COM_DIAG_HAYLOFT_LIBS3_CURL_VERBOSE

This string, if it is equal to "1", turns on the cURL VERBOSE option. This causes CURL, the URL library used by libs3, to log just about everything it does. This might be useful for debugging.

COM_DIAG_HAYLOFT_LIBS3_CURL_LOW_SPEED_LIMIT
COM_DIAG_HAYLOFT_LIBS3_CURL_LOW_SPEED_TIME

If S3 does not maintain a bandwidth of at least the LOW_SPEED_LIMIT in bytes per second during a window of LOW_SPEED_TIME seconds, libcurl will terminate the connection. libs3 sets these parameters to 1024 and 15 respectively. These strings, when converted to long values, can be used to change this limit. Typically you'll want to set them lower. I find that even with a good broadband internet connection using a pretty sizeable Pentium server I sometimes see only around 660B/s. I suspect this is my broadband provider throttling my uplink speed. This will be an issue during ObjectGet and ObjectPut Actions.

PLEXES

Plexes are different approaches to managing the execution of Actions. You can see examples of all of them in the unit test suite. Briefly here are the different Plexes you can use.

None

When you use a constructor that doesn't specify a Plex, you are using the synchronous interface. The Action will be started inside the Action constructor and the calling thread will block until the Action completes. It is up to you to decide whether you need to restart the Action for any reason.

Simplex

The Simplex uses the synchronous interface but doesn't start the Action automatically. You must start it manually using its start method. The calling thread will block in the start method until the Action completes. It is up to you to decide whether you need to restart the Action for any reason.

Multiplex

The Multiplex uses the asynchronous interface. You must start the Action manually using the start method, and then use the methods provided by the Multiplex to drive the underlying state machines inside libs3 and libcurl to talk to S3. Typically you will run these Multiplex methods in the foreground thread.

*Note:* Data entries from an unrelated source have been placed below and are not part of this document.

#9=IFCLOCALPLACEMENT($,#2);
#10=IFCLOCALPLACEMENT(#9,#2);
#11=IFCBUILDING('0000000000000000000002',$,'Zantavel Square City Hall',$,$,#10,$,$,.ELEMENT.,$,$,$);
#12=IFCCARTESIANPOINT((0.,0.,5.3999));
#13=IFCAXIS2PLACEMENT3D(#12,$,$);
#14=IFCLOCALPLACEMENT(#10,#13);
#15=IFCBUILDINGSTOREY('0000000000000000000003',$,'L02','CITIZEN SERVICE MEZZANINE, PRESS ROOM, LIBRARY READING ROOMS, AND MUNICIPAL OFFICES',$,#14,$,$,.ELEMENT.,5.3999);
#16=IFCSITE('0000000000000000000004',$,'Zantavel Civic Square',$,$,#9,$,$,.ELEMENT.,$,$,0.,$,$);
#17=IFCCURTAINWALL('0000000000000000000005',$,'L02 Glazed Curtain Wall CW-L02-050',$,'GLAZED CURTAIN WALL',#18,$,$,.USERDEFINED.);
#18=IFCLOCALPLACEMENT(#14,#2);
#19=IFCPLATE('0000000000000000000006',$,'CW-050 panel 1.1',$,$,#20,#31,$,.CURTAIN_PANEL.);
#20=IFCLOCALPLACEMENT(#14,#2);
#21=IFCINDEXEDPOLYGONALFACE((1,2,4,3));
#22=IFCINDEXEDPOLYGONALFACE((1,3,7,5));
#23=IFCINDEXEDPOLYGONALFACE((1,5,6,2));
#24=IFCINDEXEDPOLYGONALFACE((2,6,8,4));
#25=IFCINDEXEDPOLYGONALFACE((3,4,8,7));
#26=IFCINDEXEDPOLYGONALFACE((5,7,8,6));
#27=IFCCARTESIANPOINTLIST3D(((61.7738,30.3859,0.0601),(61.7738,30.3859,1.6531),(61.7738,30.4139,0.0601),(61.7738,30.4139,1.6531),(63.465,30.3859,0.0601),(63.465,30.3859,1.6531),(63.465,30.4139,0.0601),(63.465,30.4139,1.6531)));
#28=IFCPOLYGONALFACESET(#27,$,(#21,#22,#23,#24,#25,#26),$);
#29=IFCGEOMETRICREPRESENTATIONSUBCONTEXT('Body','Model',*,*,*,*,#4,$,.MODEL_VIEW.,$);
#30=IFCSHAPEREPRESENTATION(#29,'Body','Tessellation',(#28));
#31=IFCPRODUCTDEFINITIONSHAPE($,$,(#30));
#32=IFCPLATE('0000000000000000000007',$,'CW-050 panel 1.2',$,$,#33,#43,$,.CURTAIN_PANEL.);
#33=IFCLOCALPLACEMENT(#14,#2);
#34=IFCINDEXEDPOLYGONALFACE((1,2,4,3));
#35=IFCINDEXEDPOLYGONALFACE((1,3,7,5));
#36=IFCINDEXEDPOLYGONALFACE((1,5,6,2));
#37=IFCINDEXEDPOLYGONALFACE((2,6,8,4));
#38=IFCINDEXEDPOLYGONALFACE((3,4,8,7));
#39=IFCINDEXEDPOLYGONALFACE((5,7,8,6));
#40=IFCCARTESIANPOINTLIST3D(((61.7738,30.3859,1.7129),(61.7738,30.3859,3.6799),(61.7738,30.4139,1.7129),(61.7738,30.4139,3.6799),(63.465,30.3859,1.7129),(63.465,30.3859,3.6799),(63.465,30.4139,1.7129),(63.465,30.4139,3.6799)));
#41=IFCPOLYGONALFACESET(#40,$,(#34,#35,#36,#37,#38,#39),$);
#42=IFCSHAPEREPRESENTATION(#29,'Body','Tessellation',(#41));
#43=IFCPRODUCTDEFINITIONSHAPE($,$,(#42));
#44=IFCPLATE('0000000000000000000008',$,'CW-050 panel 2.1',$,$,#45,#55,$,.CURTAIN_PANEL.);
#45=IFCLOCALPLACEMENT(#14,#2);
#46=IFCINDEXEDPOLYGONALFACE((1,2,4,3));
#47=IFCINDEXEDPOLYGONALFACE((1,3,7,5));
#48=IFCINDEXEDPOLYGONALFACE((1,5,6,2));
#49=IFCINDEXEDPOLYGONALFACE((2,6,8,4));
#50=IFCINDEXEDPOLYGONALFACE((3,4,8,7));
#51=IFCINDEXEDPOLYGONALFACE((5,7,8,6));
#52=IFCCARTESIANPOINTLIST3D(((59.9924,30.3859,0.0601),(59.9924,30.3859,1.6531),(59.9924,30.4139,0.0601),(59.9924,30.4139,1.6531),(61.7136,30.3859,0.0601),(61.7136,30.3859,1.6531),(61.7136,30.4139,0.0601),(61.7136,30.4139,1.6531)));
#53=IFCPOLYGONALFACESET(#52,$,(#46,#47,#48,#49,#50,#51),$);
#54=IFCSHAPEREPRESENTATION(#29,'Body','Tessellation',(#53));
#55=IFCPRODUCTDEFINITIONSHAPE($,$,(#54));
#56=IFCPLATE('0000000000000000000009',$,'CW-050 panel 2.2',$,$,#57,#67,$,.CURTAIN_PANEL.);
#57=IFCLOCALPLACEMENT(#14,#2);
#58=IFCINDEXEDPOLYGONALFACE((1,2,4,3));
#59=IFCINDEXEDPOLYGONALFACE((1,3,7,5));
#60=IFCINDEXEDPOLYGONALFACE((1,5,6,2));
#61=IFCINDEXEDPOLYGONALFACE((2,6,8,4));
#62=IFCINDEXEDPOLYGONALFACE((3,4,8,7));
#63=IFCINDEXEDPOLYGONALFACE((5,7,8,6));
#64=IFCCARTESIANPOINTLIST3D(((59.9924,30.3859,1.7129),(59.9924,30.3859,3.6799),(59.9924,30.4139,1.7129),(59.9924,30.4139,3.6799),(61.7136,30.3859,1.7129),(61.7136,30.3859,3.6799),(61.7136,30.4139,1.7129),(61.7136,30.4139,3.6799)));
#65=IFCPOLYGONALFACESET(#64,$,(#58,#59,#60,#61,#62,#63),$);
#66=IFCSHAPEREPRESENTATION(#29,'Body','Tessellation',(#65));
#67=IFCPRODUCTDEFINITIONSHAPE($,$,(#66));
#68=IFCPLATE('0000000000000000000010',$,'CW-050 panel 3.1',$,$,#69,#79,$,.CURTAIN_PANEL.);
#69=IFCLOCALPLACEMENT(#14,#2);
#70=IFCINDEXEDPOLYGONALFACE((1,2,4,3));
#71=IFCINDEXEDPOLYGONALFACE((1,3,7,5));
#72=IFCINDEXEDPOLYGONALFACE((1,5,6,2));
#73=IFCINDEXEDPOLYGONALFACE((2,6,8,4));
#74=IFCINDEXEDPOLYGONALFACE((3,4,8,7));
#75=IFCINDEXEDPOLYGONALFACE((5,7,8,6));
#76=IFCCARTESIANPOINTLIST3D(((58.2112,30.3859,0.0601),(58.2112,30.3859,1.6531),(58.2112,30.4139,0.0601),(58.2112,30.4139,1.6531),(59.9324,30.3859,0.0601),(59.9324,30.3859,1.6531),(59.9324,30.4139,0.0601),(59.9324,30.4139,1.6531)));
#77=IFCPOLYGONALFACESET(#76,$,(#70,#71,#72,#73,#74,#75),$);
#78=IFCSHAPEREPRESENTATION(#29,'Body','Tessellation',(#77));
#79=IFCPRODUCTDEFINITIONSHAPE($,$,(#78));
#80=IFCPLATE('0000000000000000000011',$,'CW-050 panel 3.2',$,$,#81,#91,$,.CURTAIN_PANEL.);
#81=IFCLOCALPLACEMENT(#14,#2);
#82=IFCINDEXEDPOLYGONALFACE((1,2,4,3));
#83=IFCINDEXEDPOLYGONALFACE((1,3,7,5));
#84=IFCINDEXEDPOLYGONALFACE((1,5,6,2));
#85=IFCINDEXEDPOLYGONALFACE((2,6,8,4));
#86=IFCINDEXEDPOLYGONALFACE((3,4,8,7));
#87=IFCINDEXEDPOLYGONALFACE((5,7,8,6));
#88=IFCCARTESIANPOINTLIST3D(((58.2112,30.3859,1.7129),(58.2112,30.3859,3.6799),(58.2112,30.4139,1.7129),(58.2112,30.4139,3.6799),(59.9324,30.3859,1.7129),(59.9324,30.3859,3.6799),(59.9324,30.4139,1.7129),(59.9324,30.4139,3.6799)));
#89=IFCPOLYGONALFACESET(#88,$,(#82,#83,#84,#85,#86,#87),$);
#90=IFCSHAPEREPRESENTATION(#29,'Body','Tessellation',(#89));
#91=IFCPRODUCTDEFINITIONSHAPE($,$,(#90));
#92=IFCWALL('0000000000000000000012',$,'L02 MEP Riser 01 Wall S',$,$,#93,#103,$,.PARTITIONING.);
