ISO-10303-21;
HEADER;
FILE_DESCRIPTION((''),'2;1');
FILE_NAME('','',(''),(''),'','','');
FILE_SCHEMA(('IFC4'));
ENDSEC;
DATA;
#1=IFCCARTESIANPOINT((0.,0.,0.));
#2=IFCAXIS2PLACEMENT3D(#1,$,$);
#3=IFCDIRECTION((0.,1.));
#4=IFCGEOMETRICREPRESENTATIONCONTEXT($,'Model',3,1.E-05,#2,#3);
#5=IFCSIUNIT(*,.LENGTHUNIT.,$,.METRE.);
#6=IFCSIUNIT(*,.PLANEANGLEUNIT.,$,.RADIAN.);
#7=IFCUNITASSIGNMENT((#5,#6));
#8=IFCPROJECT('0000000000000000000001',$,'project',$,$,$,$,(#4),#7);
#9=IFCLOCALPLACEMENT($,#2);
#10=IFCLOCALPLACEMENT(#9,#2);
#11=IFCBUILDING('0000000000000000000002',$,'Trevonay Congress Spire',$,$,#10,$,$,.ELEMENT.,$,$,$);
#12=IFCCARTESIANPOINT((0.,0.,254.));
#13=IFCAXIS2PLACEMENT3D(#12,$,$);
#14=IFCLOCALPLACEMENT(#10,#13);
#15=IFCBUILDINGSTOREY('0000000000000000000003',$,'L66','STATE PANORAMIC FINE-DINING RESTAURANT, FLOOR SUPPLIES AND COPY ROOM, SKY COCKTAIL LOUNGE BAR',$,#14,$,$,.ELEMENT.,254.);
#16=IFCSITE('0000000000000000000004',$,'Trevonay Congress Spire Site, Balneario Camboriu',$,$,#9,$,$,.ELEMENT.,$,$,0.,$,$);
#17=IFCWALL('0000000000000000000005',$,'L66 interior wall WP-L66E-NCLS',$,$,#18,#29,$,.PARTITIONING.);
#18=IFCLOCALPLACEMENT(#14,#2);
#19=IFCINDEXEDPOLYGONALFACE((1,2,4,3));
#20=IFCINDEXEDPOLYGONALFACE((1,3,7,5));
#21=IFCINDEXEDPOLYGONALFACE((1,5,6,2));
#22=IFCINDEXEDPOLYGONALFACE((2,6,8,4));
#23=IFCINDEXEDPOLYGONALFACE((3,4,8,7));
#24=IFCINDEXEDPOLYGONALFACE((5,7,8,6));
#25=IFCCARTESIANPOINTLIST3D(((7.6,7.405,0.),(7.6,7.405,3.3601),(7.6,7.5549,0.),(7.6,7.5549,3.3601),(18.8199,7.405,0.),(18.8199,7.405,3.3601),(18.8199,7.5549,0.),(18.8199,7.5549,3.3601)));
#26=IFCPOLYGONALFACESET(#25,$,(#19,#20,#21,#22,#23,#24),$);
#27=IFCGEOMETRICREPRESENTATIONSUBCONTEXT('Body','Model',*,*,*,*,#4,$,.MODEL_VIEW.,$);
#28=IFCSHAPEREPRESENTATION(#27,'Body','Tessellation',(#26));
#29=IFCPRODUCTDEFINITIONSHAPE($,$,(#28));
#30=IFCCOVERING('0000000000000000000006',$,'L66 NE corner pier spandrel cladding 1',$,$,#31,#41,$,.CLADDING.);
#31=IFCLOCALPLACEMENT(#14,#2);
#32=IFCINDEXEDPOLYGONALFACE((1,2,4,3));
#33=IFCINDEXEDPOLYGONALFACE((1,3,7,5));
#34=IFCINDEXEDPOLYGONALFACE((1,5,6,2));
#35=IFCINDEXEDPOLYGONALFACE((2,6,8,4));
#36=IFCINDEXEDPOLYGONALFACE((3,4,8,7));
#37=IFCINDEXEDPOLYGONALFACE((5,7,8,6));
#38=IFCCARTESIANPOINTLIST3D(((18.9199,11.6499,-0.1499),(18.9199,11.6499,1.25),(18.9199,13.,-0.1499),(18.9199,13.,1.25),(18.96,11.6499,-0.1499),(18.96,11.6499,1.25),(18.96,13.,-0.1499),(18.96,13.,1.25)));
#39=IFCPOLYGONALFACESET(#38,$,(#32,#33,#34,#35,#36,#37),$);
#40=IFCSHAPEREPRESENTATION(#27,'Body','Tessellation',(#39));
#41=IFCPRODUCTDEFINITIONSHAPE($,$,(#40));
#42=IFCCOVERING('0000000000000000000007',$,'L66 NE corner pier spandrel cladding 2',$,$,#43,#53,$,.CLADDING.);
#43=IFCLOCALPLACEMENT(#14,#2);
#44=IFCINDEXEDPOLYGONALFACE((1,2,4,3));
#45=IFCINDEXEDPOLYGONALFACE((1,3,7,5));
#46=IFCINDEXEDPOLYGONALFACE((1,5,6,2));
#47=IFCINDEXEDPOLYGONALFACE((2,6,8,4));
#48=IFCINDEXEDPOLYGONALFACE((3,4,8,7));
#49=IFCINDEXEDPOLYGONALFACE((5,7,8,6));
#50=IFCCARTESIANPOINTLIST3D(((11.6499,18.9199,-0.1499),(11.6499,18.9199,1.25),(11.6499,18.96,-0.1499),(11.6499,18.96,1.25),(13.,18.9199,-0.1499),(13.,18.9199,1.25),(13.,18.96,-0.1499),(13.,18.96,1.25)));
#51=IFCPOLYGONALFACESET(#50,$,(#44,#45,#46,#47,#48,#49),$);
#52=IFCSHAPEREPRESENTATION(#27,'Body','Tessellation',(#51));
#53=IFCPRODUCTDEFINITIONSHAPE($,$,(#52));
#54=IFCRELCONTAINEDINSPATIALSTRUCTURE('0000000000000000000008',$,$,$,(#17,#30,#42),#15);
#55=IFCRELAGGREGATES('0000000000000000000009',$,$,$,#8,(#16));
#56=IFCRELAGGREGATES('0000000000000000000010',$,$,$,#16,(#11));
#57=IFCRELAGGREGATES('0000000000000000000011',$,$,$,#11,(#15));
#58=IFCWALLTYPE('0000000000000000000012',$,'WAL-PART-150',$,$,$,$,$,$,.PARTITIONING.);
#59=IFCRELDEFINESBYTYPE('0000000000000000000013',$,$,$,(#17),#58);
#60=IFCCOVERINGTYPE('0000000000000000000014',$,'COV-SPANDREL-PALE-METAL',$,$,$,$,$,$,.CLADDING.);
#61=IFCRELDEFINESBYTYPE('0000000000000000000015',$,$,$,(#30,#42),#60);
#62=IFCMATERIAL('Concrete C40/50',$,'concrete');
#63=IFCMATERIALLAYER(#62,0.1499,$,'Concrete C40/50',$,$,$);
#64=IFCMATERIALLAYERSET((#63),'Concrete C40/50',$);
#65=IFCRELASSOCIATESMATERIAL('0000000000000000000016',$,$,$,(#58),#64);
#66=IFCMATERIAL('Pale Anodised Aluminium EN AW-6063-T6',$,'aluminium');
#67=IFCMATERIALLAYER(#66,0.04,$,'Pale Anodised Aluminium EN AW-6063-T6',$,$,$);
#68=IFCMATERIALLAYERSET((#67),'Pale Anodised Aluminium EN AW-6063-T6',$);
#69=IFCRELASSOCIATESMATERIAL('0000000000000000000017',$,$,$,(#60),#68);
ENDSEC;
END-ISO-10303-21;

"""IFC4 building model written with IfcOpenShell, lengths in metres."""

from ifc_helpers import new_model, si_unit, direction, frame, frame_2d, origin, place, context, subcontext, project, spatial, rectangle, extrude, material, layer, layer_set, type_object, element, save


model = new_model("IFC4")

# Units and contexts
model_context = context("Model", 3, precision=1e-05, world=origin(), true_north=direction((0.0, 1.0)))
body_context = subcontext(model_context, "Body", "Model", "MODEL_VIEW")
ifc_project = project(units=[si_unit("LENGTHUNIT", "METRE"), si_unit("PLANEANGLEUNIT", "RADIAN")], contexts=[model_context])

# Site, building, storey
site_placement = place(None, origin())
site = spatial("IfcSite", under=ifc_project, at=site_placement, Name="Trevonay Congress Spire Site, Balneario Camboriu", CompositionType="ELEMENT", RefElevation=0.0)
building_placement = place(site_placement, origin())
building = spatial("IfcBuilding", under=site, at=building_placement, Name="Trevonay Congress Spire", CompositionType="ELEMENT")
storey_placement = place(building_placement, frame((0.0, 0.0, 254.0)))
storey = spatial("IfcBuildingStorey", under=building, at=storey_placement, Name="L66", Description="STATE PANORAMIC FINE-DINING RESTAURANT, FLOOR SUPPLIES AND COPY ROOM, SKY COCKTAIL LOUNGE BAR", CompositionType="ELEMENT", Elevation=254.0)

# Shared definitions
ifc_material_1 = material(Name="Pale Anodised Aluminium EN AW-6063-T6", Category="aluminium")

# Wall
ifc_material_2 = material(Name="Concrete C40/50", Category="concrete")
ifc_layer_1 = layer(ifc_material_2, 0.1499, Name="Concrete C40/50")
ifc_layer_set_1 = layer_set([ifc_layer_1], Name="Concrete C40/50")
wall_type_1 = type_object("IfcWallType", Name="WAL-PART-150", PredefinedType="PARTITIONING", material=ifc_layer_set_1)
wall_1_placement = place(storey_placement, frame((7.6001, 7.48, 0.0), z_axis=(0.0, 0.0, 1.0), x_axis=(1.0, 0.0, 0.0)))
element("IfcWall", 1, at=wall_1_placement, inside=storey, type_object=wall_type_1, Name="L66 interior wall WP-L66E-NCLS", PredefinedType="PARTITIONING", context=body_context, shape_type="SweptSolid", body=[
    extrude(rectangle(XDim=11.22, YDim=0.1499, at=frame_2d((5.6099, 0.0))), origin(), (0.0, 0.0, 1.0), 3.3601),
])

# Coverings
ifc_layer_2 = layer(ifc_material_1, 0.04, Name="Pale Anodised Aluminium EN AW-6063-T6")
ifc_layer_set_2 = layer_set([ifc_layer_2], Name="Pale Anodised Aluminium EN AW-6063-T6")
covering_type = type_object("IfcCoveringType", Name="COV-SPANDREL-PALE-METAL", PredefinedType="CLADDING", material=ifc_layer_set_2)
for number, where, z_axis, x_axis, name in (
    (2, (18.9399, 11.6499, -0.1499), (0.0, 0.0, 1.0), (0.0, 1.0, 0.0), "L66 NE corner pier spandrel cladding 1"),
    (3, (11.6499, 18.9399, -0.1499), (0.0, 0.0, 1.0), (1.0, 0.0, 0.0), "L66 NE corner pier spandrel cladding 2"),
):
    element("IfcCovering", number, at=place(storey_placement, frame(where, z_axis=z_axis, x_axis=x_axis)), inside=storey, type_object=covering_type, Name=name, PredefinedType="CLADDING", context=body_context, shape_type="SweptSolid", body=[
        extrude(rectangle(XDim=1.3501, YDim=0.04, at=frame_2d((0.675, 0.0))), origin(), (0.0, 0.0, 1.0), 1.3999),
    ])

save(model, "model.ifc")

It is possible to run them in a background thread, but you are responsible for any synchronization. It is up to you to decide whether you need to restart the Action for any reason.

Complex

Complex uses the asynchronous interface. You don't start the Action at all, but instead submit it to the Complex background thread for starting. You can call the wait method which will block your thread until a specific Action has completed. Complex automatically retries any Actions that complete due to a recoverable error, or for errors which are likely to be caused by eventual consistency issues. Complex can run many Actions simultaneously. Once an Action completes, either it has completed for a reason that is non-retryable (including success), it has already been retried too many times, or it failed to start or to reset upon a restart.